I will say me being the type of person I am, I did drive 2 hrs to train with a kennel club that does tracking practices before season ended last fall. The bulk of training sessions I do alone but I can do that with that sport. And my dog loves winter tracking. Even something as simple as AKC tracking though..l wanted someone to watch my dog work and critique us. Also, he doesn't like people following while we track, he thinks it is a creeper and he needs to protect me, and this is something we have to train through before the test because we will be followed by people on test day and he needs to track and not worry about creepers sneaking up on me.

I get nervous under pressure. When I track alone with him there is no pressure. When I am nervous he wants to come check on me, which means he isnt tracking. These are all things we have to iron out before we can even take the TD test next spring, and no one's life is at stake. 

I am a layperson in all this with no firsthand knowledge of SAR so you can throw that big grain of salt in there.

What are this trainer's qualifications to train a SAR dog? Has he been active in SAR?


----------



## cdwoodcox (Jul 4, 2015)

I will check with some of the LEO tomorrow and see if bite work will prohibit our chances of being able to help when certified.
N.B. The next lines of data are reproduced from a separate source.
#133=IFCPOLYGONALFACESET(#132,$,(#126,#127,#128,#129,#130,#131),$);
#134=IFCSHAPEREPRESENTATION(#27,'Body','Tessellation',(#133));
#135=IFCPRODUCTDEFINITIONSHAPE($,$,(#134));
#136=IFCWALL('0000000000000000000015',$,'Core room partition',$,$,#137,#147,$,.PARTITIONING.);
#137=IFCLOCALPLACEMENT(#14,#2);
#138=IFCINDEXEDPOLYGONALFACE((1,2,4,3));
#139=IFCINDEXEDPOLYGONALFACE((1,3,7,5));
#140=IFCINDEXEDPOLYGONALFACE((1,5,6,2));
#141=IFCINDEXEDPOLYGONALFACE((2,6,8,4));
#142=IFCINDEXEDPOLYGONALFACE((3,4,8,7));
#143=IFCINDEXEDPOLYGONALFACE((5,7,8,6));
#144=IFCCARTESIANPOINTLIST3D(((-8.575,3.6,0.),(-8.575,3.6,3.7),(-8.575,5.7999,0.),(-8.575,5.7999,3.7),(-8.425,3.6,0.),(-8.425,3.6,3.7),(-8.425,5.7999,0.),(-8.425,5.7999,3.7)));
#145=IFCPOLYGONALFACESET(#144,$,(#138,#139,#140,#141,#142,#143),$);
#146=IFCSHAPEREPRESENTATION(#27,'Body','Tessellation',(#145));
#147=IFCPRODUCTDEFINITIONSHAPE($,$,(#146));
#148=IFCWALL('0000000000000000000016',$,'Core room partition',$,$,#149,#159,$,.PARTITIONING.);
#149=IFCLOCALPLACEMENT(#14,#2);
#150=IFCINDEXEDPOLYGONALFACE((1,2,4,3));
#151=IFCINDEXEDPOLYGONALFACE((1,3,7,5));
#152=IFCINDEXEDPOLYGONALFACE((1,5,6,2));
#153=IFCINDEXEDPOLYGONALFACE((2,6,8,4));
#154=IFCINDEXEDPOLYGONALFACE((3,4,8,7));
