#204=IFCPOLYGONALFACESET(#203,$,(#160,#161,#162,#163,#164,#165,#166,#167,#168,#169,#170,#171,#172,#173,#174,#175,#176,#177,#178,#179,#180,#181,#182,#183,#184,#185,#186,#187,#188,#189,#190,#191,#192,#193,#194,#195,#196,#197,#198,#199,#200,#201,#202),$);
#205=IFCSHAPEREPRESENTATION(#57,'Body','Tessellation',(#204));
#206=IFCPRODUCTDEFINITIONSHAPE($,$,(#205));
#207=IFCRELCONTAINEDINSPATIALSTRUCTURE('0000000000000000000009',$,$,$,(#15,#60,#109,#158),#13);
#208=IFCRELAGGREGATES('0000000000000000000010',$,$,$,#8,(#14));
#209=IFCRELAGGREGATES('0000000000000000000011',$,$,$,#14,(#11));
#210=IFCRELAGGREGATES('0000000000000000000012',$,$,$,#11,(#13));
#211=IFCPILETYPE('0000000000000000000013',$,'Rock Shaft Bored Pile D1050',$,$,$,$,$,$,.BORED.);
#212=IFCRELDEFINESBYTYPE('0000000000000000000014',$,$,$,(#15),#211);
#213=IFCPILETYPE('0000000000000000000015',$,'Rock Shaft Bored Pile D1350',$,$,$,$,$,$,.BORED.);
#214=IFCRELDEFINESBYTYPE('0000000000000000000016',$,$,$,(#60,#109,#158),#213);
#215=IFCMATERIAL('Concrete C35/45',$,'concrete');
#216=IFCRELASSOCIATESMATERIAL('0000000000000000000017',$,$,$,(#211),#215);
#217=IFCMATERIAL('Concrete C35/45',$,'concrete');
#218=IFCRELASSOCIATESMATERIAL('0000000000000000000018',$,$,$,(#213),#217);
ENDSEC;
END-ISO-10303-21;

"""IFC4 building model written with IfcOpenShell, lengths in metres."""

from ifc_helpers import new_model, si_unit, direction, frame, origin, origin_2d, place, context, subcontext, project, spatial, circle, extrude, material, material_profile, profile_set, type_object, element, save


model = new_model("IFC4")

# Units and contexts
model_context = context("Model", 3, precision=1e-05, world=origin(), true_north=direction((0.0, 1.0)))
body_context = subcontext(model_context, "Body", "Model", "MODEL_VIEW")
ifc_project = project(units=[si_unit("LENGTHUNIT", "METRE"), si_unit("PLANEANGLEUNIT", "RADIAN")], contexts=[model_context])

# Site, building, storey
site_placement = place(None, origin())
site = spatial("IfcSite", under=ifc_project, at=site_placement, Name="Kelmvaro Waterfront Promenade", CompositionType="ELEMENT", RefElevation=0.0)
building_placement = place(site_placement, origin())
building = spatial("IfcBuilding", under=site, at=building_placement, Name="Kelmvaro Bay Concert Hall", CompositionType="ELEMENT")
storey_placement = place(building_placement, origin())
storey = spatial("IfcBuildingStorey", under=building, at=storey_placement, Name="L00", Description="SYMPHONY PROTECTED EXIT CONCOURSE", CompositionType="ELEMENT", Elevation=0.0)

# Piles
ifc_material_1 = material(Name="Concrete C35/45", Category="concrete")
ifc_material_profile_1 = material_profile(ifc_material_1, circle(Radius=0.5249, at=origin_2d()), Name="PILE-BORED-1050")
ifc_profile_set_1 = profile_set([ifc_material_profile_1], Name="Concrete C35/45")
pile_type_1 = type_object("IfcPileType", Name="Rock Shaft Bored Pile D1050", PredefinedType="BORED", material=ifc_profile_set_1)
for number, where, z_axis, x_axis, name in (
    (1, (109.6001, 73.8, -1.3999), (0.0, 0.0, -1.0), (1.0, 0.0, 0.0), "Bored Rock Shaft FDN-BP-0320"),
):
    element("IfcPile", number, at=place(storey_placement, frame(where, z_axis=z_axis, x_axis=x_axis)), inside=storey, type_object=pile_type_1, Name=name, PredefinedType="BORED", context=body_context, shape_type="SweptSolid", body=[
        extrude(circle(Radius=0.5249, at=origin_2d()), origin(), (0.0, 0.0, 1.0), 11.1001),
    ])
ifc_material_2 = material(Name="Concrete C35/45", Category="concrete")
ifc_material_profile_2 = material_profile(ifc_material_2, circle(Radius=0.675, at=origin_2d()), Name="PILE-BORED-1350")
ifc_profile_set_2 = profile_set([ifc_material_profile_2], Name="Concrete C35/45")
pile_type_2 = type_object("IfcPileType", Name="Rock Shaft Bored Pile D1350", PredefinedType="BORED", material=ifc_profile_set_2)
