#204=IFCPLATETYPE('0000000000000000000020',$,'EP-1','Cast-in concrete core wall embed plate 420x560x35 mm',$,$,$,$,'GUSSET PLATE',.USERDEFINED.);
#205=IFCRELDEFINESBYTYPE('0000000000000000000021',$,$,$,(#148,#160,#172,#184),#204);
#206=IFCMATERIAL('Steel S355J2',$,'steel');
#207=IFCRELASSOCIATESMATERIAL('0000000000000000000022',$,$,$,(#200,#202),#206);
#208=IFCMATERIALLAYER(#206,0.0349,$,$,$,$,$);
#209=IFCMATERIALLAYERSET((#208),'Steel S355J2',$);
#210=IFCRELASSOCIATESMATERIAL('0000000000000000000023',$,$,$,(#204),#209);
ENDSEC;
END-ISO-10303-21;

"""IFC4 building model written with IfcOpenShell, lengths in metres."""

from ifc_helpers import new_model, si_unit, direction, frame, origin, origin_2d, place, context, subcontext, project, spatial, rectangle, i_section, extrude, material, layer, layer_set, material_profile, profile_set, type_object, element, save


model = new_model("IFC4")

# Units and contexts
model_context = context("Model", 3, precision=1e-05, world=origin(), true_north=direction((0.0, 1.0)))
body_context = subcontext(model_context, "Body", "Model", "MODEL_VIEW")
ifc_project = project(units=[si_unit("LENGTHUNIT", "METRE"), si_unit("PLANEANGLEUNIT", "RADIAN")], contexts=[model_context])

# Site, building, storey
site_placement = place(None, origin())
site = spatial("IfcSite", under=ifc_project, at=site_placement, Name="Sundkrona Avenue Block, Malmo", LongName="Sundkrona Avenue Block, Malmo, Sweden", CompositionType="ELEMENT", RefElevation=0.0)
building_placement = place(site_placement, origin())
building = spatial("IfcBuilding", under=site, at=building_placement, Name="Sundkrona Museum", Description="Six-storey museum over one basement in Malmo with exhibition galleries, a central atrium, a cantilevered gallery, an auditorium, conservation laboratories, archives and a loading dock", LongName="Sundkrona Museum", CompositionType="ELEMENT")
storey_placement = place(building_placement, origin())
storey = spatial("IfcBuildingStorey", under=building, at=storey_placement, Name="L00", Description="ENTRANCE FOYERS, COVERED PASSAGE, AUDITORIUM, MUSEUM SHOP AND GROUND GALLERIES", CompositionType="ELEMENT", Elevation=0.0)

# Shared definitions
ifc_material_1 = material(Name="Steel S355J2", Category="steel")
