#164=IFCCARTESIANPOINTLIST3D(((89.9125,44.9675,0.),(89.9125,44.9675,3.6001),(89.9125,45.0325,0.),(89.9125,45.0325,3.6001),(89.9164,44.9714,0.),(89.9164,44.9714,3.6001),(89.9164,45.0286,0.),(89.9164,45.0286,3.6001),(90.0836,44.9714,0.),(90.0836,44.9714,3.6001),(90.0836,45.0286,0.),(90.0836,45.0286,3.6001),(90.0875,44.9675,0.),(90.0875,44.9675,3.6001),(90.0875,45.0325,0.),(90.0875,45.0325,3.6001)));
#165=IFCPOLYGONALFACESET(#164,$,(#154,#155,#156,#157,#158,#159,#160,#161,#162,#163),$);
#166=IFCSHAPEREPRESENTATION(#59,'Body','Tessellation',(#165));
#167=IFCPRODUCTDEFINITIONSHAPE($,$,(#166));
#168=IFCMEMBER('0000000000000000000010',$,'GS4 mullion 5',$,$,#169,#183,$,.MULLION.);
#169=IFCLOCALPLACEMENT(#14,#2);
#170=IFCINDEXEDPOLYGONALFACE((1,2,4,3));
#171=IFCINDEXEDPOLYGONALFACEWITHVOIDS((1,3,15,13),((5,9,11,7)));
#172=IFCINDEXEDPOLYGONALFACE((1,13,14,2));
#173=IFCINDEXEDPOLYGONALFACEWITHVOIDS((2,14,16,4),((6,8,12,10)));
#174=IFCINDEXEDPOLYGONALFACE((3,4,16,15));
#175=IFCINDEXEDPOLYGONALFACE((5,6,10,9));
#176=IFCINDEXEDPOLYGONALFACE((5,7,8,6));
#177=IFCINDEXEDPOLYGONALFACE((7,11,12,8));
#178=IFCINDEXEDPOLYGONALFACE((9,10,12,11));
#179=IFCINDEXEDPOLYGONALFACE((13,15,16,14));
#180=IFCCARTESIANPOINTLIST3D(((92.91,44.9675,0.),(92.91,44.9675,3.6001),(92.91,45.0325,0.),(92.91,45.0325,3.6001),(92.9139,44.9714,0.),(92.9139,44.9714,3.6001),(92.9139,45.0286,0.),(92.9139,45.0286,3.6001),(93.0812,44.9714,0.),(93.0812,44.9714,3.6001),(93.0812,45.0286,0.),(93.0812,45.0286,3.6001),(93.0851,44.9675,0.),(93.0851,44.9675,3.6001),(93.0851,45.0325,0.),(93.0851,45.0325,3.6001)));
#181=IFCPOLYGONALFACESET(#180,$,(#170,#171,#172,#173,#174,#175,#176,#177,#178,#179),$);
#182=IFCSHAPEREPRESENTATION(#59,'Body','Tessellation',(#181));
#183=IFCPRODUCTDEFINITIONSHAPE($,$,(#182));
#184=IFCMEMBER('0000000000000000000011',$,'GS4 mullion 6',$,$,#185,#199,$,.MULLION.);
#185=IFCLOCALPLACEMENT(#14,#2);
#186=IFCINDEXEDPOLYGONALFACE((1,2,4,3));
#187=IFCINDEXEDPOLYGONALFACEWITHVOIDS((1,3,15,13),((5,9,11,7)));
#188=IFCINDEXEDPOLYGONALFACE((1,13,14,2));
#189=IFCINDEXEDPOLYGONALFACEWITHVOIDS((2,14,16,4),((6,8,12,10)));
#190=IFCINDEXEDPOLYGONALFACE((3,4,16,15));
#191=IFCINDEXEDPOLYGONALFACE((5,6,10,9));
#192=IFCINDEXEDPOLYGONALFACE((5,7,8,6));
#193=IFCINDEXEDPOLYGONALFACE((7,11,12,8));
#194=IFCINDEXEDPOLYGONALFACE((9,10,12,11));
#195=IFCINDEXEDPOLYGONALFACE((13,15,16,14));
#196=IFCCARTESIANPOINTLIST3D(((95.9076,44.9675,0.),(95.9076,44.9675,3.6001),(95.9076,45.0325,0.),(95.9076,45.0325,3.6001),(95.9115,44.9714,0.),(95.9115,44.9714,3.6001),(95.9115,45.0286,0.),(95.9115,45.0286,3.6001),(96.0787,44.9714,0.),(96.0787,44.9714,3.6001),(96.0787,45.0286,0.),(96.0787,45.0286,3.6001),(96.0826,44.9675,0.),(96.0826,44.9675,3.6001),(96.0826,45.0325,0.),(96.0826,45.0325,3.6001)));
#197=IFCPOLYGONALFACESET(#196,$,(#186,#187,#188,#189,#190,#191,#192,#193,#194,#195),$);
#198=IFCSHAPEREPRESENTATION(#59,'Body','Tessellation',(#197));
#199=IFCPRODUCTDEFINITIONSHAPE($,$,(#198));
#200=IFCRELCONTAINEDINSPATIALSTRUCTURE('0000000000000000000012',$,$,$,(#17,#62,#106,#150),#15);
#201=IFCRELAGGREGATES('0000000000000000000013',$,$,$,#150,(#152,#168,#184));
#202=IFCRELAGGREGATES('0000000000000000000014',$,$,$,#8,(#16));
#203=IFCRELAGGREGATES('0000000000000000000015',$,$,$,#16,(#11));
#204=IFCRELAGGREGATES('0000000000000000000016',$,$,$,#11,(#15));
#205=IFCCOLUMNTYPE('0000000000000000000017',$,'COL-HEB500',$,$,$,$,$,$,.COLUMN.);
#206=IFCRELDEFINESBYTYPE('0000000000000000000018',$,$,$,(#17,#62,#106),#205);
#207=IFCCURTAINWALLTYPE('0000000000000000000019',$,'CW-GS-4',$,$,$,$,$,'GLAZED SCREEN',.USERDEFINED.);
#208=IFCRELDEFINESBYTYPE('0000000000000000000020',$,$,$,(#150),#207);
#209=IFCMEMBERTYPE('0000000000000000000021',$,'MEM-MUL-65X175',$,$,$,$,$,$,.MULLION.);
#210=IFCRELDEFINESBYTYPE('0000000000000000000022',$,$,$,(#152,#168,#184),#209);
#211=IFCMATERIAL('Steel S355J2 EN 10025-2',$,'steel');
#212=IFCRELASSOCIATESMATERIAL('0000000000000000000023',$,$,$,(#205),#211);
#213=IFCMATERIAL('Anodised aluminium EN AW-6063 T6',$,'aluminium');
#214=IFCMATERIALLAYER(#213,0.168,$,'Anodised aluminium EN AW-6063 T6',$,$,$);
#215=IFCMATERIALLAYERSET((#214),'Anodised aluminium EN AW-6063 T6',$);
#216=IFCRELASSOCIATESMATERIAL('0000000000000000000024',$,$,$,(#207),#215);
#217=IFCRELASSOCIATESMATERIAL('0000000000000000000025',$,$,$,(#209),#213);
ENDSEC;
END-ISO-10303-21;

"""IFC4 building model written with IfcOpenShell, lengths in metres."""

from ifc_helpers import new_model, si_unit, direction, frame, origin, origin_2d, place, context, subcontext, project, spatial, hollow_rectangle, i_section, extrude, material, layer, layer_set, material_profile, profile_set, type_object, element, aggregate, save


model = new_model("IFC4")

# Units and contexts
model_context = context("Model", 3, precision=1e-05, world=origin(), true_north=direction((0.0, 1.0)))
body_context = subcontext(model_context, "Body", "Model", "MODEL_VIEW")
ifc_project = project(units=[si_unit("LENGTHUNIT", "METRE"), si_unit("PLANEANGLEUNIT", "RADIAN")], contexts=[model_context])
If so I'll stop bite work since SAR is what is our main goal is. Although all of their dogs can track and have done bite work so maybe it won't be an issue.


----------



## cdwoodcox (Jul 4, 2015)

@Cowboysgirl
I called it a sport simply because the one group down south that I have talked with said they do both SAR ad a sport and with lives on the line. I assumed they meant sport as in games to hone and keep the dogs sharp with out real live missing people at stake. 
The trainer has trained LE dogs for stations in numerous states. Travels to different states if LE needs help with an issue a dog may have. . Started training in the marines. Spends a lot of time training and giving support or therapy dogs to soldiers with PTSD. Does some civilian work. I met with a lot of trainers and he's the one I feel most comfortable giving my money to.


----------



## astrovan2487 (May 29, 2014)

I've also heard that most SAR groups will not accept your dog if he's had any bite work training at all. I always thought this was a bit overcautious but never thought about the fact that the person you are searching for may be agitated and/or unstable, it makes perfect sense with that explanation. Also the amount of training involved in either one of those is enough to take up all of your time so it would be a huge commitment. I was talking with someone visiting our club a few months ago that does IPO and also said she does SAR with the same dog. I questioned her about the whole bite work/SAR issue and she said there are some groups that allow both. Not sure what group she was with but they were around Long Island, NY. If this is anywhere near you I could try and get more information from her.


----------



## cdwoodcox (Jul 4, 2015)

Thanks @astrovan2487 I am in Indiana so that's a long drive. Lol. 
I totally understand the issue that could arise with the two. However, I feel that a good dog should be able to Differentiate between the two with proper training. Same as if I would take her to the park or hiking in Georgia mountains next year. Some teenager comes running out behind a tree Screaming chasing his friend I don't expect mine or anyone else's dog that has done bite work to attack.


----------



## Slamdunc (Dec 6, 2007)

cdwoodcox said:


> I have looked for SAR teams near me. The same result as SCH near me. Two hour drive minimum. This guy trains police, and security dogs, for departments and businesses all over the US. He knows his stuff. I have to pay a premium but driving 30 minutes compared to 2 + hours is a trade off I am willing to do.
> 
> The way it was explained to me is that tracking/trailing dogs can also be trained or will utilize air scents also but if a dog is trained in air scent it is harder to also teach tracking.
> 
> ...


This is certainly not logical or even practical. 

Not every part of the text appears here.